Legacy background checks require manually pulling disorganized data from disparate sources, sorting through inconsistent language, and juggling ever-evolving regional compliance laws. We've rebuilt the background check with technology at its core. Our platform uses artificial intelligence to help you hire quickly without sacrificing accuracy or compliance.
Our Charge Classifier uses machine learning to quickly categorize criminal charges from jurisdictions across the U.S., making charge language clearer and drastically reducing the amount of time spent on manual review.
Background check compliance violations and litigation can cost companies millions. Checkr’s compliance engine helps you keep up with evolving regional compliance laws, so you stay ahead of the curve.
AI can identify, classify, and filter data in a fraction of the time required by manual, legacy processes. You can screen candidates faster, with fewer resources.
While other consumer reporting agencies are forced to process every record manually, our machine learning tools categorize data clearly and consistently. Processing over 1.5 million background checks per month, Checkr's platform is constantly learning, giving our customers greater clarity and control.
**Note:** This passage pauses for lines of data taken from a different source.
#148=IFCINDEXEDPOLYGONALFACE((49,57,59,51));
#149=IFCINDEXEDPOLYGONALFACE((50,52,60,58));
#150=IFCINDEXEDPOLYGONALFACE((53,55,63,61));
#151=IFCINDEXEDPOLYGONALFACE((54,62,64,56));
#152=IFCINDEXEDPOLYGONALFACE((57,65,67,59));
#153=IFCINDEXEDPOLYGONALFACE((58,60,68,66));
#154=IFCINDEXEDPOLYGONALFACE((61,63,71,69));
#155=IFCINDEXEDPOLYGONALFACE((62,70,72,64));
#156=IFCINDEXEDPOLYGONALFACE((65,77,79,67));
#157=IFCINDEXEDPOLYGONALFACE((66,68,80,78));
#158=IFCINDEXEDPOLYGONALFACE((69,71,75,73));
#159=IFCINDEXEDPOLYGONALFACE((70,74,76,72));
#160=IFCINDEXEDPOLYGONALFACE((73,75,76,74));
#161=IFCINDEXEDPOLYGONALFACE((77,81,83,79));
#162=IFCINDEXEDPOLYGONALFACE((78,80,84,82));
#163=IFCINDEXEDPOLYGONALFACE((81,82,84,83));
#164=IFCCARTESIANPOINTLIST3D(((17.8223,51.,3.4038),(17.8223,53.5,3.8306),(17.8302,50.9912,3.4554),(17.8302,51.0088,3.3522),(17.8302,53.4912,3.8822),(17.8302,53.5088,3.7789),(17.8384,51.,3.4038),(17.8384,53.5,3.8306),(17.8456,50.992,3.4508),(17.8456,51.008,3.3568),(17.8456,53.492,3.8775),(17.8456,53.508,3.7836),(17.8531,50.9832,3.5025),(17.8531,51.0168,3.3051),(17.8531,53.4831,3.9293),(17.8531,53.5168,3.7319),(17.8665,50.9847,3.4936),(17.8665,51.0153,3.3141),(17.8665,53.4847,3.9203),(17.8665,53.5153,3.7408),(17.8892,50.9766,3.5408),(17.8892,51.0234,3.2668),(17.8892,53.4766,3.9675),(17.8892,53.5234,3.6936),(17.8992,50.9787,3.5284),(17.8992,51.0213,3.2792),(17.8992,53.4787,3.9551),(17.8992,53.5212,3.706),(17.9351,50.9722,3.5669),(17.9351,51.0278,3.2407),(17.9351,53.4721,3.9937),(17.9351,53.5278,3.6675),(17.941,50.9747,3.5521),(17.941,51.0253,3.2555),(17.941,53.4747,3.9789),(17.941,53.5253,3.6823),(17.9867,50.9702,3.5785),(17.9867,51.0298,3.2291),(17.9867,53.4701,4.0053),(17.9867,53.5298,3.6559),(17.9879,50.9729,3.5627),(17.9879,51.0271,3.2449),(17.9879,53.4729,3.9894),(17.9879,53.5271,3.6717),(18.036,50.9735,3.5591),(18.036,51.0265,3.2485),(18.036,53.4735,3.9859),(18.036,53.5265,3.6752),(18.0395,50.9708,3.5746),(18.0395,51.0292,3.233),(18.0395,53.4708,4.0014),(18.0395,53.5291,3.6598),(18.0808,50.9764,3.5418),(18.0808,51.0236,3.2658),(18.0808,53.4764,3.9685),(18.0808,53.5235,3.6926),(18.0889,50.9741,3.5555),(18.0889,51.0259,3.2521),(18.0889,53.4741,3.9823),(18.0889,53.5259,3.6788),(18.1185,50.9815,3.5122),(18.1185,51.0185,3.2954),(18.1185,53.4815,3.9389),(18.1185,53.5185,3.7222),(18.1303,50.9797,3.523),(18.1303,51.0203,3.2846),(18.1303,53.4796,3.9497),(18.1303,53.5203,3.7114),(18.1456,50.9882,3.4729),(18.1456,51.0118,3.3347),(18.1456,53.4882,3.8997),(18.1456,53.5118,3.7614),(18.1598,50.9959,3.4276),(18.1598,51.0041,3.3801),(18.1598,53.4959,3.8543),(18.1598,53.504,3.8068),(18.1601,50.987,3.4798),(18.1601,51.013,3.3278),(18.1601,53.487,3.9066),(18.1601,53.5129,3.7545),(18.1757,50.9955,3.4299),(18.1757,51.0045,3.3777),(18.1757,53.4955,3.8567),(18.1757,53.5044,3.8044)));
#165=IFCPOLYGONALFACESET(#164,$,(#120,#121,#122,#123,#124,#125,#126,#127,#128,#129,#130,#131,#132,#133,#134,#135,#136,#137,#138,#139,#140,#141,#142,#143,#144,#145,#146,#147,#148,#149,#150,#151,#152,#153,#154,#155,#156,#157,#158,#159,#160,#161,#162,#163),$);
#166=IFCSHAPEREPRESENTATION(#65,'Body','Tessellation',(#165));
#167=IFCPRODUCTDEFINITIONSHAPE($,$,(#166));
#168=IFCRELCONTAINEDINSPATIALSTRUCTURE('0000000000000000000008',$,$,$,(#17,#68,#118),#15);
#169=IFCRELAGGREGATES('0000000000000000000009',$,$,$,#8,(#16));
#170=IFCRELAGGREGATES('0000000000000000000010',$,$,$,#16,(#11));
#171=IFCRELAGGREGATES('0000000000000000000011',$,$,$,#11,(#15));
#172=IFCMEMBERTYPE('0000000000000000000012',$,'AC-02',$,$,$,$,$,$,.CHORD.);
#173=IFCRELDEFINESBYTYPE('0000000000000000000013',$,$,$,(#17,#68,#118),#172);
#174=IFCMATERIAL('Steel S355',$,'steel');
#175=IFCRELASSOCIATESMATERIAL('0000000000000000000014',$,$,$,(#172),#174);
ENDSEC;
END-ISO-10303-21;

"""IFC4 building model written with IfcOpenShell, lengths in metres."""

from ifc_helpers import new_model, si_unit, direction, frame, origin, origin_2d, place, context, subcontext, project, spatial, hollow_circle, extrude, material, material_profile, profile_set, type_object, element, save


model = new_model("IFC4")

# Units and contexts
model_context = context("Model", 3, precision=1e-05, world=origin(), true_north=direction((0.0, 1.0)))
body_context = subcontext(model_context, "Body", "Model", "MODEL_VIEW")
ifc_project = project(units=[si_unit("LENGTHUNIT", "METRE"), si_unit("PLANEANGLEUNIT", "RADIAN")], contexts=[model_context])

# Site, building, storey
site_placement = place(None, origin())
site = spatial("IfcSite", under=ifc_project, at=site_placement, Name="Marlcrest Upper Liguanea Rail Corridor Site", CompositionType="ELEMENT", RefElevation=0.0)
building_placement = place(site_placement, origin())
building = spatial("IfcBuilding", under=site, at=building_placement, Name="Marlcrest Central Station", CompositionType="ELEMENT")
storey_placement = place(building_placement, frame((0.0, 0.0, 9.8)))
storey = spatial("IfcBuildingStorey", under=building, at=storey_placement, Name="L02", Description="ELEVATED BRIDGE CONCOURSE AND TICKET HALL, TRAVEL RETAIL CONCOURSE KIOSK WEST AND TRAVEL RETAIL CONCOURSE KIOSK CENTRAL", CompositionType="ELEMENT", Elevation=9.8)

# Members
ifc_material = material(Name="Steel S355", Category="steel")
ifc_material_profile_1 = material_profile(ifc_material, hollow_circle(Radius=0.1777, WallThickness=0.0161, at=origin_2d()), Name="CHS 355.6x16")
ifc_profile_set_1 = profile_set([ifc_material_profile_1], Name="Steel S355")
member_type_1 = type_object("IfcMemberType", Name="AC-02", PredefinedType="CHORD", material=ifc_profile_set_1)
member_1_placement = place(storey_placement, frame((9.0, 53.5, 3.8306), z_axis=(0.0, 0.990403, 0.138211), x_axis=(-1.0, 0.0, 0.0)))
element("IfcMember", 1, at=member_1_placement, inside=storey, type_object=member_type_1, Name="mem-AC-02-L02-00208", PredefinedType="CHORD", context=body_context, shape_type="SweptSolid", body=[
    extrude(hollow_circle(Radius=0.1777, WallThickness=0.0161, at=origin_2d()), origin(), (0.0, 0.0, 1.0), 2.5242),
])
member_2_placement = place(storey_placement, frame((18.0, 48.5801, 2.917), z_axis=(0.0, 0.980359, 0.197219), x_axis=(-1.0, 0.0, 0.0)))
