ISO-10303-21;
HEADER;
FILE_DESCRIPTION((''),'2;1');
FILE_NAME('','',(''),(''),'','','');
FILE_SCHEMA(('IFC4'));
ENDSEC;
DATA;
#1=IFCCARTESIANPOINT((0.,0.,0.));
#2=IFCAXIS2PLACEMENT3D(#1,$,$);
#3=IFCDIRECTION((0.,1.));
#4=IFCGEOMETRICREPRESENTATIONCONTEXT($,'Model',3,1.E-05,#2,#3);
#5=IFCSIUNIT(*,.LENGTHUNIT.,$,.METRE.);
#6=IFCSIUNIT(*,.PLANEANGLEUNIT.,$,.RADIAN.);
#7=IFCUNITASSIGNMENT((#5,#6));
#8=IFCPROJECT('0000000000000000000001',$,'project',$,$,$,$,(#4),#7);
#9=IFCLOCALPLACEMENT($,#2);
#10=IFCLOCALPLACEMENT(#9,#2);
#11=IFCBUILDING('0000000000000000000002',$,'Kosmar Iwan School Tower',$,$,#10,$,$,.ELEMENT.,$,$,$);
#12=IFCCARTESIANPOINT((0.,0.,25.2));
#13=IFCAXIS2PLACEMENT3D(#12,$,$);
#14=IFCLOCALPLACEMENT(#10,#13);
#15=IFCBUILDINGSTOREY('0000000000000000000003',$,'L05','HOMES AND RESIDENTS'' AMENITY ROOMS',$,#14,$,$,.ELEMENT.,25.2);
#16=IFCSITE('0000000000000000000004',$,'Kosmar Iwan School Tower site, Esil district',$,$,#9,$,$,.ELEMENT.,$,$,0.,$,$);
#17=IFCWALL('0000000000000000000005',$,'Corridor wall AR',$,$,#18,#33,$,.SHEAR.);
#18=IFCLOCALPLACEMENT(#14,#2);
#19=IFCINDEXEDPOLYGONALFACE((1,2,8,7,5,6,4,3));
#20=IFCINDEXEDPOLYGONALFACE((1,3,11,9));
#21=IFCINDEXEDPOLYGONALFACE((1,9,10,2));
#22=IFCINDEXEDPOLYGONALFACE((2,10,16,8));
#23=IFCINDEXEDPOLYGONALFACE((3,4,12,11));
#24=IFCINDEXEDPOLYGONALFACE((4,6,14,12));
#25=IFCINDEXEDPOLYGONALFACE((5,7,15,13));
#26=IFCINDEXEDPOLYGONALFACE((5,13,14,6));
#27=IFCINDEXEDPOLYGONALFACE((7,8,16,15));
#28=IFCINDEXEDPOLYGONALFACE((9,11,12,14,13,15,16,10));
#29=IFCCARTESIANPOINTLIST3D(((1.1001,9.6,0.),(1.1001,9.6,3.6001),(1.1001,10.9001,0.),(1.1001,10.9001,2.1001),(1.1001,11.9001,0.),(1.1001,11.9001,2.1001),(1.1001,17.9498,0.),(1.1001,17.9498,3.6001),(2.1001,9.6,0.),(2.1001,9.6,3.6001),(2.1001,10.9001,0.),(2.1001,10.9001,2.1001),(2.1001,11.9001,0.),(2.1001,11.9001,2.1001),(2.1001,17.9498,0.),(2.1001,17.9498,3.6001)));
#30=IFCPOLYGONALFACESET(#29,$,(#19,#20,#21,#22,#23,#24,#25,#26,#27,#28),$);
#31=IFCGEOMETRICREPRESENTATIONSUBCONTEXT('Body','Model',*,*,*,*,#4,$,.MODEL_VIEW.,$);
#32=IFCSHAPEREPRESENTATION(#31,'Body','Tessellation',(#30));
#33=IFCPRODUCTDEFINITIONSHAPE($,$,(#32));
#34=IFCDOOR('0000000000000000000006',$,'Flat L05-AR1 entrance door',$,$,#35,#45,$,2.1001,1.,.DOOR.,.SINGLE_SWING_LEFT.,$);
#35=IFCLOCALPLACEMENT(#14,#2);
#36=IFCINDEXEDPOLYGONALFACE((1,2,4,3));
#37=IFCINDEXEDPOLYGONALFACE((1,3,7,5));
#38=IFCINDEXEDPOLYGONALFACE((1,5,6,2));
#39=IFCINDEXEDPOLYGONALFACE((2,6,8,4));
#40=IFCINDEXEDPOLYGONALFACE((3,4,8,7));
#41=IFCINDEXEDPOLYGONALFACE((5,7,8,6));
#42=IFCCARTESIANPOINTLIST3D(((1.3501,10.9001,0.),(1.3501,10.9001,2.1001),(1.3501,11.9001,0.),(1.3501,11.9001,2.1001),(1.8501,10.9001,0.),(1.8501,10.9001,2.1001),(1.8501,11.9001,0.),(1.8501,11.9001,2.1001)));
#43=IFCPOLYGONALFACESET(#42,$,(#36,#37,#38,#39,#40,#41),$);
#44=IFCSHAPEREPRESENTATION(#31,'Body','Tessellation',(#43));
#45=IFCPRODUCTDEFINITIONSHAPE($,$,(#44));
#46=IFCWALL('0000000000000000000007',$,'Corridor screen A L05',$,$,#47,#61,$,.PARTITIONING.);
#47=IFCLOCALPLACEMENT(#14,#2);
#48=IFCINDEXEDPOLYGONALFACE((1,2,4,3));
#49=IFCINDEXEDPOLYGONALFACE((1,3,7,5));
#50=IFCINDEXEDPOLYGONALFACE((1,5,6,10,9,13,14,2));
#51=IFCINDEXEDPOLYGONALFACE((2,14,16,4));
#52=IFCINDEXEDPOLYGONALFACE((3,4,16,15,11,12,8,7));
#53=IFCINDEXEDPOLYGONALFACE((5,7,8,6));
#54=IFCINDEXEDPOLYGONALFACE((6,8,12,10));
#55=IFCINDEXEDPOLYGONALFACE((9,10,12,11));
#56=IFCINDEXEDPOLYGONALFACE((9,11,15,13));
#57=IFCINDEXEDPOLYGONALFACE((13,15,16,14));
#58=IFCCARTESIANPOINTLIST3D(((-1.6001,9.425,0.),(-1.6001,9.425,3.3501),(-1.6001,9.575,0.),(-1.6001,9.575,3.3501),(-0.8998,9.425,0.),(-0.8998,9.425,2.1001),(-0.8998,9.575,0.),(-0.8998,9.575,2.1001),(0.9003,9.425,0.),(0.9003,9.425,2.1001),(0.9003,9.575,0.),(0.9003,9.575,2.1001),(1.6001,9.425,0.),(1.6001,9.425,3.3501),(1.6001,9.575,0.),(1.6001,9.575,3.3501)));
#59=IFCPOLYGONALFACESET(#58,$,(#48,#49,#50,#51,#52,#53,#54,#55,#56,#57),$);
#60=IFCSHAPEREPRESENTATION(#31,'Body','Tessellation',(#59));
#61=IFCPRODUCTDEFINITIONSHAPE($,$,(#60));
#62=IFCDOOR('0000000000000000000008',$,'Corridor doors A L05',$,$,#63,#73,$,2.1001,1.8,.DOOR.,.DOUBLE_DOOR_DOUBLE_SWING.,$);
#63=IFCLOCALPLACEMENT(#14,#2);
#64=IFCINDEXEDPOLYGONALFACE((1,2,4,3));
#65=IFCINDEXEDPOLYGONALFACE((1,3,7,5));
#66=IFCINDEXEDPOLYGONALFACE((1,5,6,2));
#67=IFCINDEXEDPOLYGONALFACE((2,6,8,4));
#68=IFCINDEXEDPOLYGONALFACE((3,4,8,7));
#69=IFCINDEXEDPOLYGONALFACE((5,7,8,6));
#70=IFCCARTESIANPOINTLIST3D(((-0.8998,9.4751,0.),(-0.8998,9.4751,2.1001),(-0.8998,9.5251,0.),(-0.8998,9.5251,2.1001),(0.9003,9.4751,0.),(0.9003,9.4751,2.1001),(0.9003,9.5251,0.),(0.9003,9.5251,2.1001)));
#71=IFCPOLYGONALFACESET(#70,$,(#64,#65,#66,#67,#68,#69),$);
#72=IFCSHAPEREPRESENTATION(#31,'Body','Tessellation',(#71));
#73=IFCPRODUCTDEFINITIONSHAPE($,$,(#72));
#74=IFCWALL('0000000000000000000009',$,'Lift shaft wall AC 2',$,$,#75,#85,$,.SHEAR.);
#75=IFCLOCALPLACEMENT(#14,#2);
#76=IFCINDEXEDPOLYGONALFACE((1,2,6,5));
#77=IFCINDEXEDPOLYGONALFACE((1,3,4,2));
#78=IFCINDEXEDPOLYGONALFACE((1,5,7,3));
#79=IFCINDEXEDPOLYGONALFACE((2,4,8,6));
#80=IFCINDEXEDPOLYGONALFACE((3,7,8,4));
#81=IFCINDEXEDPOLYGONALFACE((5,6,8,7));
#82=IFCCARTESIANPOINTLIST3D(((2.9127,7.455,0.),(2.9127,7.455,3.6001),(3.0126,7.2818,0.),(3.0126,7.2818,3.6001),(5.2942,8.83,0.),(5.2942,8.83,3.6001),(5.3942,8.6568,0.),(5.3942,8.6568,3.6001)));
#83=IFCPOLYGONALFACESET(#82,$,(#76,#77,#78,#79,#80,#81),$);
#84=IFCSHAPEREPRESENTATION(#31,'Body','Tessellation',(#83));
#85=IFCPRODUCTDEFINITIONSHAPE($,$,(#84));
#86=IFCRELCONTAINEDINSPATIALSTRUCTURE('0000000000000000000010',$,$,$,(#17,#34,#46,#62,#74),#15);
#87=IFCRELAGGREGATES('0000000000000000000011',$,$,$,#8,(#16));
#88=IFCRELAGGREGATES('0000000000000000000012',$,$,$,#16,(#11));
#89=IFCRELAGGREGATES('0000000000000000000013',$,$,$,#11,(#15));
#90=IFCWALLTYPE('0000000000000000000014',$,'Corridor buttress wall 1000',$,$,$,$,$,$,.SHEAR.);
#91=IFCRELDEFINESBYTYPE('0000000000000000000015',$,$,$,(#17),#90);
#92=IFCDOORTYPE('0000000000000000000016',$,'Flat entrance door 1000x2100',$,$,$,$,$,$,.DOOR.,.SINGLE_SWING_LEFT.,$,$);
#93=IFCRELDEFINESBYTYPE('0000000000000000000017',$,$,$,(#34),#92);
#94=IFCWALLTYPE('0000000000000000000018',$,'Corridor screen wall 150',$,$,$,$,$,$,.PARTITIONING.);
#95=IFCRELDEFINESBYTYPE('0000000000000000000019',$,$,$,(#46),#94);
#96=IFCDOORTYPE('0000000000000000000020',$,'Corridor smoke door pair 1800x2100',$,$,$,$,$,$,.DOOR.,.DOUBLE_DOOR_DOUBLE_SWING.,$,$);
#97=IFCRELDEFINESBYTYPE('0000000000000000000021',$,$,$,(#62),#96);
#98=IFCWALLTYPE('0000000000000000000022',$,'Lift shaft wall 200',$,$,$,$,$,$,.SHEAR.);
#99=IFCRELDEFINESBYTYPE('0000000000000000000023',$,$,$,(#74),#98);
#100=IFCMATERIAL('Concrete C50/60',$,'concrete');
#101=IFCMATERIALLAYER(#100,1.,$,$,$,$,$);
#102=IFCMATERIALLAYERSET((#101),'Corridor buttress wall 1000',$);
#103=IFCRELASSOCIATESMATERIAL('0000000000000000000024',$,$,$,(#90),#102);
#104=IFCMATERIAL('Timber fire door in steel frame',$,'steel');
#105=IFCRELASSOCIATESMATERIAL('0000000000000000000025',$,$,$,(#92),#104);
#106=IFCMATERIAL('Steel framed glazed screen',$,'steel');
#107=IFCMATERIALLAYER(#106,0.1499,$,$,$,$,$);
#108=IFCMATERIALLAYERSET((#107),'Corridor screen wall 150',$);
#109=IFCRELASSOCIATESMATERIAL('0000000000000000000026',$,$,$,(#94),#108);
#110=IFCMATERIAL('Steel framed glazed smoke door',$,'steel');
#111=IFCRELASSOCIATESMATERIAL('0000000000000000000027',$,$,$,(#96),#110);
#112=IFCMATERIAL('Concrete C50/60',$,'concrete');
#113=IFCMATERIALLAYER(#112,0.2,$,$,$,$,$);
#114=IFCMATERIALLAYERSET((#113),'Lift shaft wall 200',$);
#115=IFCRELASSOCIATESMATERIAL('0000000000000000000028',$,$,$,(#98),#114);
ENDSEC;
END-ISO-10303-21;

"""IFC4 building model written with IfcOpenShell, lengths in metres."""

from ifc_helpers import new_model, si_unit, direction, frame, frame_2d, origin, place, context, subcontext, project, spatial, rectangle, extrude, material, layer, layer_set, type_object, element, fill, save


model = new_model("IFC4")

# Units and contexts
model_context = context("Model", 3, precision=1e-05, world=origin(), true_north=direction((0.0, 1.0)))
body_context = subcontext(model_context, "Body", "Model", "MODEL_VIEW")
ifc_project = project(units=[si_unit("LENGTHUNIT", "METRE"), si_unit("PLANEANGLEUNIT", "RADIAN")], contexts=[model_context])

# Site, building, storey
site_placement = place(None, origin())
site = spatial("IfcSite", under=ifc_project, at=site_placement, Name="Kosmar Iwan School Tower site, Esil district", CompositionType="ELEMENT", RefElevation=0.0)
building_placement = place(site_placement, origin())
building = spatial("IfcBuilding", under=site, at=building_placement, Name="Kosmar Iwan School Tower", CompositionType="ELEMENT")
storey_placement = place(building_placement, frame((0.0, 0.0, 25.2)))
storey = spatial("IfcBuildingStorey", under=building, at=storey_placement, Name="L05", Description="HOMES AND RESIDENTS' AMENITY ROOMS", CompositionType="ELEMENT", Elevation=25.2)

# Walls, openings, doors
ifc_material_1 = material(Name="Concrete C50/60", Category="concrete")
ifc_layer_1 = layer(ifc_material_1, 1.0)
ifc_layer_set_1 = layer_set([ifc_layer_1], Name="Corridor buttress wall 1000")
wall_type_1 = type_object("IfcWallType", Name="Corridor buttress wall 1000", PredefinedType="SHEAR", material=ifc_layer_set_1)
wall_1_placement = place(storey_placement, frame((1.6001, 9.6001, 0.0), z_axis=(0.0, 0.0, 1.0), x_axis=(0.0, 1.0, 0.0)))
wall_1 = element("IfcWall", 1, at=wall_1_placement, inside=storey, type_object=wall_type_1, Name="Corridor wall AR", PredefinedType="SHEAR", context=body_context, shape_type="SweptSolid", body=[
    extrude(rectangle(XDim=8.3499, YDim=1.0, at=frame_2d((4.1748, 0.0))), origin(), (0.0, 0.0, 1.0), 3.6001),
])
opening_1_placement = place(wall_1_placement, frame((1.3, 0.0, 0.0)))
opening_1 = element("IfcOpeningElement", 2, at=opening_1_placement, cuts=wall_1, PredefinedType="OPENING", context=body_context, shape_type="SweptSolid", body=[
    extrude(rectangle(XDim=1.0, YDim=2.1001, at=frame_2d((0.5, 1.05))), frame((0.0, 0.512, 0.0), z_axis=(0.0, -1.0, 0.0), x_axis=(1.0, 0.0, 0.0)), (0.0, 0.0, 1.0), 1.0239),
])
ifc_material_2 = material(Name="Timber fire door in steel frame", Category="steel")
door_type_1 = type_object("IfcDoorType", Name="Flat entrance door 1000x2100", OperationType="SINGLE_SWING_LEFT", PredefinedType="DOOR", material=ifc_material_2)
door_1_placement = place(opening_1_placement, origin())
door_1 = element("IfcDoor", 3, at=door_1_placement, inside=storey, type_object=door_type_1, Name="Flat L05-AR1 entrance door", OperationType="SINGLE_SWING_LEFT", OverallHeight=2.1001, OverallWidth=1.0, PredefinedType="DOOR", context=body_context, shape_type="SweptSolid", body=[
    extrude(rectangle(XDim=1.0, YDim=2.1001, at=frame_2d((0.5, 1.05))), frame((0.0, 0.25, 0.0), z_axis=(0.0, -1.0, 0.0), x_axis=(1.0, 0.0, 0.0)), (0.0, 0.0, 1.0), 0.5),
])
fill(opening_1, door_1)
ifc_material_3 = material(Name="Steel framed glazed screen", Category="steel")
ifc_layer_2 = layer(ifc_material_3, 0.1499)
ifc_layer_set_2 = layer_set([ifc_layer_2], Name="Corridor screen wall 150")
wall_type_2 = type_object("IfcWallType", Name="Corridor screen wall 150", PredefinedType="PARTITIONING", material=ifc_layer_set_2)
wall_2_placement = place(storey_placement, frame((1.6001, 9.5, 0.0), z_axis=(0.0, 0.0, 1.0), x_axis=(-1.0, 0.0, 0.0)))
wall_2 = element("IfcWall", 4, at=wall_2_placement, inside=storey, type_object=wall_type_2, Name="Corridor screen A L05", PredefinedType="PARTITIONING", context=body_context, shape_type="SweptSolid", body=[
    extrude(rectangle(XDim=3.2002, YDim=0.1499, at=frame_2d((1.6001, 0.0))), origin(), (0.0, 0.0, 1.0), 3.3501),
])
opening_2_placement = place(wall_2_placement, frame((0.7, 0.0, 0.0)))
opening_2 = element("IfcOpeningElement", 5, at=opening_2_placement, cuts=wall_2, PredefinedType="OPENING", context=body_context, shape_type="SweptSolid", body=[
    extrude(rectangle(XDim=1.8, YDim=2.1001, at=frame_2d((0.8999, 1.05))), frame((0.0, 0.0869, 0.0), z_axis=(0.0, -1.0, 0.0), x_axis=(1.0, 0.0, 0.0)), (0.0, 0.0, 1.0), 0.1738),
])
ifc_material_4 = material(Name="Steel framed glazed smoke door", Category="steel")
door_type_2 = type_object("IfcDoorType", Name="Corridor smoke door pair 1800x2100", OperationType="DOUBLE_DOOR_DOUBLE_SWING", PredefinedType="DOOR", material=ifc_material_4)
door_2_placement = place(opening_2_placement, origin())
door_2 = element("IfcDoor", 6, at=door_2_placement, inside=storey, type_object=door_type_2, Name="Corridor doors A L05", OperationType="DOUBLE_DOOR_DOUBLE_SWING", OverallHeight=2.1001, OverallWidth=1.8, PredefinedType="DOOR", context=body_context, shape_type="SweptSolid", body=[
In addition to helping you hire faster, our technology can help you comply with complex regional regulations. Our Compliance Engine filters out any information that is not legally reportable, and we continuously update our products based on new legal developments.
Background checks are critical to gaining an understanding of your risk before hiring a candidate, but once a background check is complete, the results remain static and soon fall out of date.
Our proprietary data network leverages multiple criminal data sources and the millions of background checks we process each month to help you stay on top of new, reportable charges connected to your workforce. Our proprietary data network is a key part of Checkr’s continuous monitoring services, which help alert your team to safety incidents faster.